ENCODE made the major discovery of finding 80% of human genome functional. Usually when Nobel (or IgNobel) prizes are awarded, the committees work hard to make sure other less well-known papers making similar discoveries get credited.
We looked extensively into literature to find which group made this fundamental discovery prior to ENCODE and came across work from a humble researcher from Stanford, who never bothers to read or question paper submitted under his name (for more on that see below). Please check the line marked in bold in this paper published in 2006, which was one year before ENCODE published their first paper.
There is abundant transcription from eukaryotic genomes unaccounted for by protein coding genes. A high-resolution genome-wide survey of transcription in a well annotated genome will help relate transcriptional complexity to function. By quantifying RNA expression on both strands of the complete genome of Saccharomyces cerevisiae using a high-density oligonucleotide tiling array, this study identifies the boundary, structure, and level of coding and noncoding transcripts. A total of 85% of the genome is expressed in rich media. Apart from expected transcripts, we found operon-like transcripts, transcripts from neighboring genes not separated by intergenic regions, and genes with complex transcriptional architecture where different parts of the same gene are expressed at different levels. We mapped the positions of 3? and 5? UTRs of coding genes and identified hundreds of RNA transcripts distinct from annotated genes. These nonannotated transcripts, on average, have lower sequence conservation and lower rates of deletion phenotype than protein coding genes. Many other transcripts overlap known genes in antisense orientation, and for these pairs global correlations were discovered: UTR lengths correlated with gene function, localization, and requirements for regulation; antisense transcripts overlapped 3 UTRs more than 5 UTRs; UTRs with overlapping antisense tended to be longer; and the presence of antisense associated with gene function. These findings may suggest a regulatory role of antisense transcription in S. cerevisiae. Moreover, the data show that even this well studied genome has transcriptional complexity far beyond current annotation.
A reader sent along a puzzled note about this paper that’s out in Science. It’s from a large multicenter team (at least nine departments across the US, Canada, and Europe), and it’s an ambitious effort to profile 3250 small molecules in a broad chemogenomics screen in yeast. This set was selected from an earlier 50,000 compounds, since these realiably inhibited the growth of wild-type yeast. They’re looking for what they call “chemogenomic fitness signatures”, which are derived from screening first against 1100 heterozygous yeast strains, one gene deletion per, representing the yeast essential genome.
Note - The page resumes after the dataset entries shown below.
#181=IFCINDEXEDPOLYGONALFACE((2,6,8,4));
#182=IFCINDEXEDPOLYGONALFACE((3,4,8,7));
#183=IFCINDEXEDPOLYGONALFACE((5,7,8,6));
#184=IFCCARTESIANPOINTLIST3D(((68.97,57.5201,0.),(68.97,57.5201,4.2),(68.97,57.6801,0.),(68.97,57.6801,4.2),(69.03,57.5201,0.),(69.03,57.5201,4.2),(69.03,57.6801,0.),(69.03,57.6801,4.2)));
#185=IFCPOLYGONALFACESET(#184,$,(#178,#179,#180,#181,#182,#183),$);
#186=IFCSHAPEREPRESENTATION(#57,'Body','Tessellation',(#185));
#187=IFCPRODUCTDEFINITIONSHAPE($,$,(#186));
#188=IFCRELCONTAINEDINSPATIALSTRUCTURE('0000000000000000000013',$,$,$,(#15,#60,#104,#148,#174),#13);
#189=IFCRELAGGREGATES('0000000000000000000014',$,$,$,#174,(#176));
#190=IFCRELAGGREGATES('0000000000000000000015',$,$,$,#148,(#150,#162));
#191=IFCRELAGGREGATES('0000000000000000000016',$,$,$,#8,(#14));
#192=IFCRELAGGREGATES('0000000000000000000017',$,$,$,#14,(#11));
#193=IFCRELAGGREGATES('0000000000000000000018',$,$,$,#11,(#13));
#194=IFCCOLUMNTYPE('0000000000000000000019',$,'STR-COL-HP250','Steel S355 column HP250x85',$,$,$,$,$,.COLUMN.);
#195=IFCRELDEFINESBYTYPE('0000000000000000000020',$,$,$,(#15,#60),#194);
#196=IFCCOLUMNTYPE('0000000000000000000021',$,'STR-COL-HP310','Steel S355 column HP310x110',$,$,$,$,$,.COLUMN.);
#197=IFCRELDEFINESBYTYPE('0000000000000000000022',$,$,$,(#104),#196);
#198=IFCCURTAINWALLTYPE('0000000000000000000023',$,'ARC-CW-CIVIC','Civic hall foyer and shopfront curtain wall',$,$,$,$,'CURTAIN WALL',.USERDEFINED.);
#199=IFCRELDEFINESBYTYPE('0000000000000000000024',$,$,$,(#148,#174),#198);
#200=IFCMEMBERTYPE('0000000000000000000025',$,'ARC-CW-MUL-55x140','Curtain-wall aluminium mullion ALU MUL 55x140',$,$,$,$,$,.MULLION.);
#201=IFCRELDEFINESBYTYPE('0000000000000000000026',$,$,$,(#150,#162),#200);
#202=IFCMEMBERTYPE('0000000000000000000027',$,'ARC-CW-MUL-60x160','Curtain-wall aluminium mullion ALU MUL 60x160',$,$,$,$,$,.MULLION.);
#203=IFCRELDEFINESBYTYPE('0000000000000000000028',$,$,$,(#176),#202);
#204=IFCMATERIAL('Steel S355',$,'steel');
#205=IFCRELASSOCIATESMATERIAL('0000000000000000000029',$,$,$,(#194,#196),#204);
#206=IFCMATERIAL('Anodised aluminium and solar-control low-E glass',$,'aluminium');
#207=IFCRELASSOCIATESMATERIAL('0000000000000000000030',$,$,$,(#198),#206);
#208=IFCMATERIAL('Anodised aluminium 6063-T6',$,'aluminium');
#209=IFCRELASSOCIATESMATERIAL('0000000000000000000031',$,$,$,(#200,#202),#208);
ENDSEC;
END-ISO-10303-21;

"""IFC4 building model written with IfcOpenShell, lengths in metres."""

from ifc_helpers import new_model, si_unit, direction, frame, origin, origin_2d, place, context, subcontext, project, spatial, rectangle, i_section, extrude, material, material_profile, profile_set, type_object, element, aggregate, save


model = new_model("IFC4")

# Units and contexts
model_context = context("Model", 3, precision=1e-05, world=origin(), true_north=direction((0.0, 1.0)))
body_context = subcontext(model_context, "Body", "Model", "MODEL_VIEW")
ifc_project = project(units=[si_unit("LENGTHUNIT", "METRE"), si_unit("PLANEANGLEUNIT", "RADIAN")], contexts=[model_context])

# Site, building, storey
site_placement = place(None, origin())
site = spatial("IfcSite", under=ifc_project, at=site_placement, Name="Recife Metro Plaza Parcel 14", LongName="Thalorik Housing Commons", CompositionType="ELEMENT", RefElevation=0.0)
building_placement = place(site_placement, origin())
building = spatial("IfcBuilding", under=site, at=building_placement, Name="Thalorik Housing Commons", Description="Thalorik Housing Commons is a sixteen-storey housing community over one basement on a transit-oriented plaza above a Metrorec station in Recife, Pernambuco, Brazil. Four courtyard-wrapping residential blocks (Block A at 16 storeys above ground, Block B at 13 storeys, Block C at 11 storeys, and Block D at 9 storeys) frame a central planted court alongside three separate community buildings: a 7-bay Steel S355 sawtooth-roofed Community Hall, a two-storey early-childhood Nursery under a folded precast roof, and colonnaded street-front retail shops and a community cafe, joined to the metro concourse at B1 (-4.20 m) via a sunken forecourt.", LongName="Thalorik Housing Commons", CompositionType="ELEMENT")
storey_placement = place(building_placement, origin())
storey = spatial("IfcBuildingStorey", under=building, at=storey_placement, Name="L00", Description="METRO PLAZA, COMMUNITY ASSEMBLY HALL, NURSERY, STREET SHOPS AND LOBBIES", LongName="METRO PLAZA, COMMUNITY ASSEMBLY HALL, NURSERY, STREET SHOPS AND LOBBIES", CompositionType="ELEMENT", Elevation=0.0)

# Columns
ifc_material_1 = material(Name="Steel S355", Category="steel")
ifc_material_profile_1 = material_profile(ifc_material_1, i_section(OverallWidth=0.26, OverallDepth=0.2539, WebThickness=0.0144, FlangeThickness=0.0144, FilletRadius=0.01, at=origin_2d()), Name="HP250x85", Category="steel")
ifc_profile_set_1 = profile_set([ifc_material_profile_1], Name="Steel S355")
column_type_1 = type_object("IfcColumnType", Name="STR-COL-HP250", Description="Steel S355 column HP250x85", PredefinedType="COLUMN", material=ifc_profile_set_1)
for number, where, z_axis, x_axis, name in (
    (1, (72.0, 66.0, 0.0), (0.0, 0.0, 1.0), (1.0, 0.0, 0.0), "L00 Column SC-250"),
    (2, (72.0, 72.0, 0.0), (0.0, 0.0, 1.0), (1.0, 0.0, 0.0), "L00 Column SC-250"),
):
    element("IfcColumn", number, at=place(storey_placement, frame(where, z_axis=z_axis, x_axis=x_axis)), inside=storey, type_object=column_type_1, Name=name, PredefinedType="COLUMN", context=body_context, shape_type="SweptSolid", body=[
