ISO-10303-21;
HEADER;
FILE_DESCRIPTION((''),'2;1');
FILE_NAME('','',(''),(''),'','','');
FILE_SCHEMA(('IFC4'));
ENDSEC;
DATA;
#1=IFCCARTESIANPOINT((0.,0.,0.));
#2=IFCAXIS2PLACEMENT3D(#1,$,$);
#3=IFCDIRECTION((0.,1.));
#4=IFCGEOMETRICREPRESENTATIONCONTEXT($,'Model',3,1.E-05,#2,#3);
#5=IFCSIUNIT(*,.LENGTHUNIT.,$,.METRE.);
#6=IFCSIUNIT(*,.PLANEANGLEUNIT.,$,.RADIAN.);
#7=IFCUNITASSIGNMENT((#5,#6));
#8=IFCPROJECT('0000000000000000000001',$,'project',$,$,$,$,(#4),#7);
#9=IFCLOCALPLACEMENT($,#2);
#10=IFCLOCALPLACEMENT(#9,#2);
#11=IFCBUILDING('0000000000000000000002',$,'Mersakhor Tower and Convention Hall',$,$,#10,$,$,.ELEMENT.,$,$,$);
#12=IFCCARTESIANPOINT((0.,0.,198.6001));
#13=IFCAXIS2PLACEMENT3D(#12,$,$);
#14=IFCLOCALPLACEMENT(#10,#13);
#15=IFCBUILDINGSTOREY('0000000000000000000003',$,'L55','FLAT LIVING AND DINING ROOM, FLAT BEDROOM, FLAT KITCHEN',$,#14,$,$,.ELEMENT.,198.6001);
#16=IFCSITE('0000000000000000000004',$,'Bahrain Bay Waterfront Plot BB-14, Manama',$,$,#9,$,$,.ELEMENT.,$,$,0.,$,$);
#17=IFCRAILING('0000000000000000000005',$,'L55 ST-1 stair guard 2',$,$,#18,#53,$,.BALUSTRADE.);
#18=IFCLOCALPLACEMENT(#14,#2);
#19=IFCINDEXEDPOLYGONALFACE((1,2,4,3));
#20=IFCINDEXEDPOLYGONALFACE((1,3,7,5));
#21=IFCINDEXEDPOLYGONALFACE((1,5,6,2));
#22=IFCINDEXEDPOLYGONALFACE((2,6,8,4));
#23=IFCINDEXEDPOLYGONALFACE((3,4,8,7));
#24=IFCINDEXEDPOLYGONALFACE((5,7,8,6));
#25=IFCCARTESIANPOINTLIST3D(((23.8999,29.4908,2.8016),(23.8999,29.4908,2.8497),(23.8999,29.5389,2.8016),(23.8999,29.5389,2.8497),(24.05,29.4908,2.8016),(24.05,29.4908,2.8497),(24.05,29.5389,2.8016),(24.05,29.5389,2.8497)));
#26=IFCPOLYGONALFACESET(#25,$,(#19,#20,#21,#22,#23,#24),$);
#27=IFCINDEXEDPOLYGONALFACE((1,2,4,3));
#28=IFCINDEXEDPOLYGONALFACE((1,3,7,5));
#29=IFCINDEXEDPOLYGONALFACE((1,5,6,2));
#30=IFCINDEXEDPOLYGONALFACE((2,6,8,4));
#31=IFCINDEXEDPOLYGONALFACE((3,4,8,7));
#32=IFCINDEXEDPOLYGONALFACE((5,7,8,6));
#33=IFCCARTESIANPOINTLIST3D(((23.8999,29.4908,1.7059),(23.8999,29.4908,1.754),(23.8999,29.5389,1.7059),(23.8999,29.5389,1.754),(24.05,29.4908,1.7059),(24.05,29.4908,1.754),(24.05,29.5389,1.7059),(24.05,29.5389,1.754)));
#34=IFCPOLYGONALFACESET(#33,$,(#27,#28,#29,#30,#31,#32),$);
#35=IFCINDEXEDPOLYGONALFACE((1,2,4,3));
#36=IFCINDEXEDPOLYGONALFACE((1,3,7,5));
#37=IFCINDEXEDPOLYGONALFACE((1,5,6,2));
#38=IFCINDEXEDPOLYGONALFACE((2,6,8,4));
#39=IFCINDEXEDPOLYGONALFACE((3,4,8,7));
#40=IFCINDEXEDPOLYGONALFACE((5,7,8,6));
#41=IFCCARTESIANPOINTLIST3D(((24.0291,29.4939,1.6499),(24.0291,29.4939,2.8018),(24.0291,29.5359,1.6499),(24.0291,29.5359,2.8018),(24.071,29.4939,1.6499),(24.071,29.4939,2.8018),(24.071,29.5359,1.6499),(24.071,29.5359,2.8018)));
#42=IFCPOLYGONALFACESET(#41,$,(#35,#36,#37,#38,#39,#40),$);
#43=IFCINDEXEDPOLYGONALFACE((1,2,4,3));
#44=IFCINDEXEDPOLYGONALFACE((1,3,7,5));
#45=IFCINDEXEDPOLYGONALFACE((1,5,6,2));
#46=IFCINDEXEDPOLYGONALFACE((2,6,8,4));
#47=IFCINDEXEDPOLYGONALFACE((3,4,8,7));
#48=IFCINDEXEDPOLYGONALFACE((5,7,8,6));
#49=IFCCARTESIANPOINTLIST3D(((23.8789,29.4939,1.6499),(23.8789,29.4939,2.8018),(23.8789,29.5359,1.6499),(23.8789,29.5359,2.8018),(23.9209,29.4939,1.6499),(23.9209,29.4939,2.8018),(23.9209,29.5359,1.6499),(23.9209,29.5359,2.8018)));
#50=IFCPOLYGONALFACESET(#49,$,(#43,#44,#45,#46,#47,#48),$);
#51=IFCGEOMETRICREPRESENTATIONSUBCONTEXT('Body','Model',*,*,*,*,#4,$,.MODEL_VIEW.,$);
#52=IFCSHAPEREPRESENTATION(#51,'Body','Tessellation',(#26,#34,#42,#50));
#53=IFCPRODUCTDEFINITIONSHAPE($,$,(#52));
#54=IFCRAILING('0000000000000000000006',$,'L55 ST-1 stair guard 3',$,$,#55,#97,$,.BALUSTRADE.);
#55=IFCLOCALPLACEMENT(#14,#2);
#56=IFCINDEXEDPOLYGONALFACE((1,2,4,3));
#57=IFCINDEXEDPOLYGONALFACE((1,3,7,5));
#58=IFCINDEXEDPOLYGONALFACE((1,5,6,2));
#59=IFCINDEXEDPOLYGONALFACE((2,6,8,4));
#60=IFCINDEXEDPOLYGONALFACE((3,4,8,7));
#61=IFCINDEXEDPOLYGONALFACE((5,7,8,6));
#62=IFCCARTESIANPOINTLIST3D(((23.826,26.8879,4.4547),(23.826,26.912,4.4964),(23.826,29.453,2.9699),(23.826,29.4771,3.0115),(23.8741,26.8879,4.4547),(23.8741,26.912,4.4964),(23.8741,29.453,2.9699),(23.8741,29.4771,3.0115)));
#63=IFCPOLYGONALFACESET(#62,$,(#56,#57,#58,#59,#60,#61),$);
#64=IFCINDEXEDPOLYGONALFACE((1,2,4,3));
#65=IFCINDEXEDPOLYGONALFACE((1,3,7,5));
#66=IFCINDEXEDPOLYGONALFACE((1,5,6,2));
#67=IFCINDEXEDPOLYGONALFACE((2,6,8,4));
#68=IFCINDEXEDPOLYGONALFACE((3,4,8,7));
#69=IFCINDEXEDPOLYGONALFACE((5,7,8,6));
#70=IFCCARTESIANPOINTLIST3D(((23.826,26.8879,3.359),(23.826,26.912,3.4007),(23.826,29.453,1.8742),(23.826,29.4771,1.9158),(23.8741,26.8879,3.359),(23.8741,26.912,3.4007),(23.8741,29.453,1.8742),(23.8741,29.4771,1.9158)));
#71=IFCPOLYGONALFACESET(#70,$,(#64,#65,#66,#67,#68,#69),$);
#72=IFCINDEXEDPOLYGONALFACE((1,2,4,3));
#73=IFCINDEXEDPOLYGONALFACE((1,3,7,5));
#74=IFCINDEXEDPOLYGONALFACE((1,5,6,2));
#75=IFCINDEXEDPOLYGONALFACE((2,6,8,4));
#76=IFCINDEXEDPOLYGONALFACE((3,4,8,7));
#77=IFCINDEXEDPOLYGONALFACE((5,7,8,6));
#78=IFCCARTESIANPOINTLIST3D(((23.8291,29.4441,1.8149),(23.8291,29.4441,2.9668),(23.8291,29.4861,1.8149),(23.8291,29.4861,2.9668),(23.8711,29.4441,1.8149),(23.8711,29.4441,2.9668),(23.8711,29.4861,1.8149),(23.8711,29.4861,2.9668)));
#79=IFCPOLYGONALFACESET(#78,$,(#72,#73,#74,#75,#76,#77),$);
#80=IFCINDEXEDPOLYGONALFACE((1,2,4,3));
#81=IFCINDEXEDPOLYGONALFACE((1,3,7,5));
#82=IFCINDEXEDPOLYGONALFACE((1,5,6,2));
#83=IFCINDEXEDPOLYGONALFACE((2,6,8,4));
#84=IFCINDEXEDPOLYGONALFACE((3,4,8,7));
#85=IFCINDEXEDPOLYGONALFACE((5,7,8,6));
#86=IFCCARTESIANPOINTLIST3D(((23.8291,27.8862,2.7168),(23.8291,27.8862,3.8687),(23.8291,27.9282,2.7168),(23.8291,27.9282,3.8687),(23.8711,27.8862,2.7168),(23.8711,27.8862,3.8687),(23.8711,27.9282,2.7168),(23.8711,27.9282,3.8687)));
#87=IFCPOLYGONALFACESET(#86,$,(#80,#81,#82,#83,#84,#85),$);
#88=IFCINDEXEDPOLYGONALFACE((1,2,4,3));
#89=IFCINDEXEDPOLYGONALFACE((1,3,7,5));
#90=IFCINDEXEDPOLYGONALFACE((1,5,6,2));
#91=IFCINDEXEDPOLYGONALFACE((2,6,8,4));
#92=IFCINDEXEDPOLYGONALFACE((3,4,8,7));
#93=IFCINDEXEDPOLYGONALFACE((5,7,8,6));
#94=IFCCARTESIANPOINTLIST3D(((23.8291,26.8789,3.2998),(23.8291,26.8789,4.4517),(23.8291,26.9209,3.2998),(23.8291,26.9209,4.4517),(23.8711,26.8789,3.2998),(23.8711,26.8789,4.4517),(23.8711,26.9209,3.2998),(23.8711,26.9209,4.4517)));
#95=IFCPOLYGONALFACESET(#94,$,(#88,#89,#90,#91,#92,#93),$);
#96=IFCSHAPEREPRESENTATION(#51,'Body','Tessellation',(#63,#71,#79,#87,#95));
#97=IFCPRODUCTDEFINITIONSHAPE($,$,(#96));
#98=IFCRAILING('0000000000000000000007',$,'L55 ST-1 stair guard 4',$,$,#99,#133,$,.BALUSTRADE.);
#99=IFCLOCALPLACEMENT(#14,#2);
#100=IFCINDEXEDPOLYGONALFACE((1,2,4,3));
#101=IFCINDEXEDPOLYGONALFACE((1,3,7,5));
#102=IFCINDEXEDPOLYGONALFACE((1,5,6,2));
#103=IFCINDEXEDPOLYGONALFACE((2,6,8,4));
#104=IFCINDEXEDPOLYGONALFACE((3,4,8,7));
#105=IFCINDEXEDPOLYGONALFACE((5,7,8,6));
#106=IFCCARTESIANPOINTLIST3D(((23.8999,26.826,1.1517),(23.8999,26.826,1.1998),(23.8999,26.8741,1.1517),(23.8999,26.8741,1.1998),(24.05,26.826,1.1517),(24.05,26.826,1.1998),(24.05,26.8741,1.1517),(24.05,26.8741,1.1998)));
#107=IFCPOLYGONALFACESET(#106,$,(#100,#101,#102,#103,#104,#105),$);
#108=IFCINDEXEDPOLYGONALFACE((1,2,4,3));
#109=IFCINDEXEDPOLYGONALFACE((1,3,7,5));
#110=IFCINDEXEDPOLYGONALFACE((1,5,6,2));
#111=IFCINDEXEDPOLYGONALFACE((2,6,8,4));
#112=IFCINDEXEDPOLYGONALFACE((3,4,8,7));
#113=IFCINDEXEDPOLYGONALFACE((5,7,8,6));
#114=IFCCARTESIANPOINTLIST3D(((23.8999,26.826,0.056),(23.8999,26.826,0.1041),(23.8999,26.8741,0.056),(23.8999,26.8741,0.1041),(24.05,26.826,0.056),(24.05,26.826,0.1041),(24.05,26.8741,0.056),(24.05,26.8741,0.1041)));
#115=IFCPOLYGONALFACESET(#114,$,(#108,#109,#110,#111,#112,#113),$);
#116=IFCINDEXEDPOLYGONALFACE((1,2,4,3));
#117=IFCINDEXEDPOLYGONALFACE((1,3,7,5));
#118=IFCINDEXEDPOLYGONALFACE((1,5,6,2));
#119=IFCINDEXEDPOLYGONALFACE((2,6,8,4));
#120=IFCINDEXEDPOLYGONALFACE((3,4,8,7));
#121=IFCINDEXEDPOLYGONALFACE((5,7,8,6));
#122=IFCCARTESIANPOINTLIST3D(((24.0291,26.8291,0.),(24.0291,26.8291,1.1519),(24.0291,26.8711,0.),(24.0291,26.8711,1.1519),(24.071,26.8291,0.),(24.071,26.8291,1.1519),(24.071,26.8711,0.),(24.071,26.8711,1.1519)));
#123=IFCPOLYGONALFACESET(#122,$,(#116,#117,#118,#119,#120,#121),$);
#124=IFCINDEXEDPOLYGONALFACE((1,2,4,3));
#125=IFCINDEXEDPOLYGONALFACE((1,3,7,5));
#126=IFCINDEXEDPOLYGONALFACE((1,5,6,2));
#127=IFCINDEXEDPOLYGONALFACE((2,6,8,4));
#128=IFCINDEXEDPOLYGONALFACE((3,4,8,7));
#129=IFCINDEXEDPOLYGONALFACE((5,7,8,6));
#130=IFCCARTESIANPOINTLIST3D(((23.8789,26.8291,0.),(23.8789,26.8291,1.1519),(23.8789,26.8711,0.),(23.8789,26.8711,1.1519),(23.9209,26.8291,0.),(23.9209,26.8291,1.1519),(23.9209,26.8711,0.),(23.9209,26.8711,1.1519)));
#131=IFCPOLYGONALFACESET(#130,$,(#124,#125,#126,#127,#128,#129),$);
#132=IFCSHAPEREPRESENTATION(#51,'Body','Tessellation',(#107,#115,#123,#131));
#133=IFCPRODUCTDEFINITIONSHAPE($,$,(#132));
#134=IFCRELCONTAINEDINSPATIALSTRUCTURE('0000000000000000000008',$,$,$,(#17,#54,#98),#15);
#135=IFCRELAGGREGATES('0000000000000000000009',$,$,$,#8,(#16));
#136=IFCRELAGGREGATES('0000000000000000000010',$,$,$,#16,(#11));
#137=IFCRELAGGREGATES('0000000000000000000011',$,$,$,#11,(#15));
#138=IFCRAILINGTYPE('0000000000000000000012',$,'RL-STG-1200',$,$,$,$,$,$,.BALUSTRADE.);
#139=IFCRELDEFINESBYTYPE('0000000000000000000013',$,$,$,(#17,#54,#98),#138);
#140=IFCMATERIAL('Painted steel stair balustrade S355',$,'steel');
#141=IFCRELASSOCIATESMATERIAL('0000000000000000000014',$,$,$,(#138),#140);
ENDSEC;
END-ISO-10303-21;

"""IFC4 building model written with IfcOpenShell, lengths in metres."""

from ifc_helpers import new_model, si_unit, direction, frame, origin, origin_2d, place, context, subcontext, project, spatial, rectangle, extrude, material, type_object, element, save


model = new_model("IFC4")

# Units and contexts
model_context = context("Model", 3, precision=1e-05, world=origin(), true_north=direction((0.0, 1.0)))
body_context = subcontext(model_context, "Body", "Model", "MODEL_VIEW")
ifc_project = project(units=[si_unit("LENGTHUNIT", "METRE"), si_unit("PLANEANGLEUNIT", "RADIAN")], contexts=[model_context])

# Site, building, storey
site_placement = place(None, origin())
site = spatial("IfcSite", under=ifc_project, at=site_placement, Name="Bahrain Bay Waterfront Plot BB-14, Manama", CompositionType="ELEMENT", RefElevation=0.0)
building_placement = place(site_placement, origin())
building = spatial("IfcBuilding", under=site, at=building_placement, Name="Mersakhor Tower and Convention Hall", CompositionType="ELEMENT")
storey_placement = place(building_placement, frame((0.0, 0.0, 198.6001)))
storey = spatial("IfcBuildingStorey", under=building, at=storey_placement, Name="L55", Description="FLAT LIVING AND DINING ROOM, FLAT BEDROOM, FLAT KITCHEN", CompositionType="ELEMENT", Elevation=198.6001)

# Railings
ifc_material_1 = material(Name="Painted steel stair balustrade S355", Category="steel")
railing_type_1 = type_object("IfcRailingType", Name="RL-STG-1200", PredefinedType="BALUSTRADE", material=ifc_material_1)
railing_1_placement = place(storey_placement, frame((24.05, 29.5149, 1.6499)))
element("IfcRailing", 1, at=railing_1_placement, inside=storey, type_object=railing_type_1, Name="L55 ST-1 stair guard 2", PredefinedType="BALUSTRADE", context=body_context, shape_type="SweptSolid", body=[
    extrude(rectangle(XDim=0.0481, YDim=0.0481, at=origin_2d()), frame((0.0, 0.0, 1.1758), z_axis=(-1.0, 0.0, 0.0), x_axis=(0.0, -1.0, 0.0)), (0.0, 0.0, 1.0), 0.1501),
    extrude(rectangle(XDim=0.0481, YDim=0.0481, at=origin_2d()), frame((0.0, 0.0, 0.0801), z_axis=(-1.0, 0.0, 0.0), x_axis=(0.0, -1.0, 0.0)), (0.0, 0.0, 1.0), 0.1501),
    extrude(rectangle(XDim=0.042, YDim=0.042, at=origin_2d()), origin(), (0.0, 0.0, 1.0), 1.1519),
    extrude(rectangle(XDim=0.042, YDim=0.042, at=origin_2d()), frame((-0.1501, 0.0, 0.0)), (0.0, 0.0, 1.0), 1.1519),
])
railing_2_placement = place(storey_placement, frame((23.8501, 29.4651, 1.8149)))
element("IfcRailing", 2, at=railing_2_placement, inside=storey, type_object=railing_type_1, Name="L55 ST-1 stair guard 3", PredefinedType="BALUSTRADE", context=body_context, shape_type="SweptSolid", body=[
Then there’s a second round of screening against 4800 homozygous deletions strain of non-essential genes, to look for related pathways, compensation, and so on.
All in all, they identified 317 compounds that appear to perturb 121 genes, and many of these annotations are new. Overall, the responses tended to cluster in related groups, and the paper goes into detail about these signatures (and about the outliers, which are naturally interested for their own reasons). Broad pathway effects like mitrochondrial stress show up pretty clearly, for example. And unfortunately, that’s all I’m going to say for now about the biology, because we need to talk about the chemistry in this paper. It isn’t good.
As my correspondent (a chemist himself) mentions, a close look at Figure 2 of the paper raises some real questions. Take a look at that cyclohexadiene enamine - can that really be drawn correctly, or isn’t it just N-phenylbenzylamine? The problem is, that compound (drawn correctly) shows up elsewhere in Figure 2, hitting a completely different pathway. These two tautomers are not going to have different biological effects, partly because the first one would exist for about two molecular vibrations before it converted to the second. But how could both of them appear on the same figure?
Needless to say, Twitterosphere is very angry today.